Investing in dredge work in the Lower Mississippi River — from Baton Rouge through New Orleans to Southwest Pass and into the Gulf of Mexico — would boost grain prices paid to growers and bolster land values, the USDA report said. Resulting gains in jobs and gross domestic product should more than offset project costs, according to the agency.

Increased rainfall in the Midwest in recent years has added to dredging needs, said Sean Duffy, executive director of the Big River Coalition in New Orleans. The group wants more federal funds devoted to maintaining authorized channel dimensions from the Gulf to Baton Rouge. The coalition’s “Full Funding Floats All Boats Campaign” seeks increased channel maintenance in the area of Southwest Pass in Louisiana’s Plaquemines Parish.

With recent Mississippi River Basin flooding, more sediment was deposited in Southwest Pass. “This record year has tested dredging abilities,” Duffy said. “Navigation interests across the nation, along with the U.S. Army Corps’ districts, have said we need to fix the Southwest Pass problem.”

Duffy sees the E&WD bill passed by Senate Appropriations as very positive. It would allocate $525 million for a regional dredge demonstration program to show multiyear efficiencies from building deep-draft projects between Louisiana and Florida, including the Mississippi River Ship Channel.

The Army Corps’ dredge work is typically planned and funded annually project by project. Under the Senate bill, a multiyear demo program would respond to needs from storms and address routine yearly dredging.
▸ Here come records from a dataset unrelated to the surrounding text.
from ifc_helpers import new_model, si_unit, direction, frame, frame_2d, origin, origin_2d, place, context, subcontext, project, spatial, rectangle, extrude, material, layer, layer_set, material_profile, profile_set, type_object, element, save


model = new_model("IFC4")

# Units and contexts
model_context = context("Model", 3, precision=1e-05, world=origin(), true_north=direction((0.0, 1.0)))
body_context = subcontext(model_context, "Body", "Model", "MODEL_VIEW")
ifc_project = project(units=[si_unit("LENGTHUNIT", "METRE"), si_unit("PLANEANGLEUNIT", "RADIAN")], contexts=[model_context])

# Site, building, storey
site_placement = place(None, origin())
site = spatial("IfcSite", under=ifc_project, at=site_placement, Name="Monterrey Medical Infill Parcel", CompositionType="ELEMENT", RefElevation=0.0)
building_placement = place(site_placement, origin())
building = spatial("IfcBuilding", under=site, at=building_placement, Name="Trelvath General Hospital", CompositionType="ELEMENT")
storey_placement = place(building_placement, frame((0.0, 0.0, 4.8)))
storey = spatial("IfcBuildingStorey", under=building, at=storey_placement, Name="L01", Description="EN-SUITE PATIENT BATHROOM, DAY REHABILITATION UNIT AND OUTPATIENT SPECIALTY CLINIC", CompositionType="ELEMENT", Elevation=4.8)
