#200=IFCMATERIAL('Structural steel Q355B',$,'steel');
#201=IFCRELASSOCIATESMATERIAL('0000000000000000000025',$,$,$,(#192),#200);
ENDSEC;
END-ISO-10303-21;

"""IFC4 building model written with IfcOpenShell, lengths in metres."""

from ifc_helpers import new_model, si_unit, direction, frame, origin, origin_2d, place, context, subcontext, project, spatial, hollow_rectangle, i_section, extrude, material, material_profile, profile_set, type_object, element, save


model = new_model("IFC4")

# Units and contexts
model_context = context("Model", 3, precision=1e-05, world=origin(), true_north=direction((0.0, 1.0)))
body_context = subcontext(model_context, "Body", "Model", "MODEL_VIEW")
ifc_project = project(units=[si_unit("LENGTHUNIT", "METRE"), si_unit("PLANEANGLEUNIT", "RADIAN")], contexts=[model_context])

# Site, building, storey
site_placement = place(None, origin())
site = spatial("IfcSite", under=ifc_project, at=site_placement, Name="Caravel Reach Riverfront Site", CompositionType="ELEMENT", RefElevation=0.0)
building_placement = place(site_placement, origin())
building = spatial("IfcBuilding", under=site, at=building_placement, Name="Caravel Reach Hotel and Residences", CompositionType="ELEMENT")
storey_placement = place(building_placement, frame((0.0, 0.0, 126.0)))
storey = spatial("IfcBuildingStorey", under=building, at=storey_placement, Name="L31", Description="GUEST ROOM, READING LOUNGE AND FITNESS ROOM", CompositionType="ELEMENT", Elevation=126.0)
Duffy said 2019 has been historic. “I never thought we would open the Bonnet Carre Spillway in back-to-back years, much less twice in the same year,” he said. The spillway just west of New Orleans allows floodwaters from the Mississippi River to flow into Lake Pontchartrain and then into the Gulf of Mexico.

“In FY 2019, the Corps was appropriated a record of roughly $245 million for operations and maintenance of the Mississippi River Ship Channel from Baton Rouge to the Gulf,” Duffy said. “But the channel was deficient for over seven months as the Corps had to dredge nearly triple the usual amount of sediment. The Great Flood of 2019 has been one for the books, with a record length of flood stage, record funding and record maintenance dredging.”

Strong demand for hopper dredges in recent years has hampered work on Corps projects, including efforts from Baton Rouge to the Gulf. The Big River Coalition wants hopper and cutterhead dredges to be committed and able to start early in new fiscal years.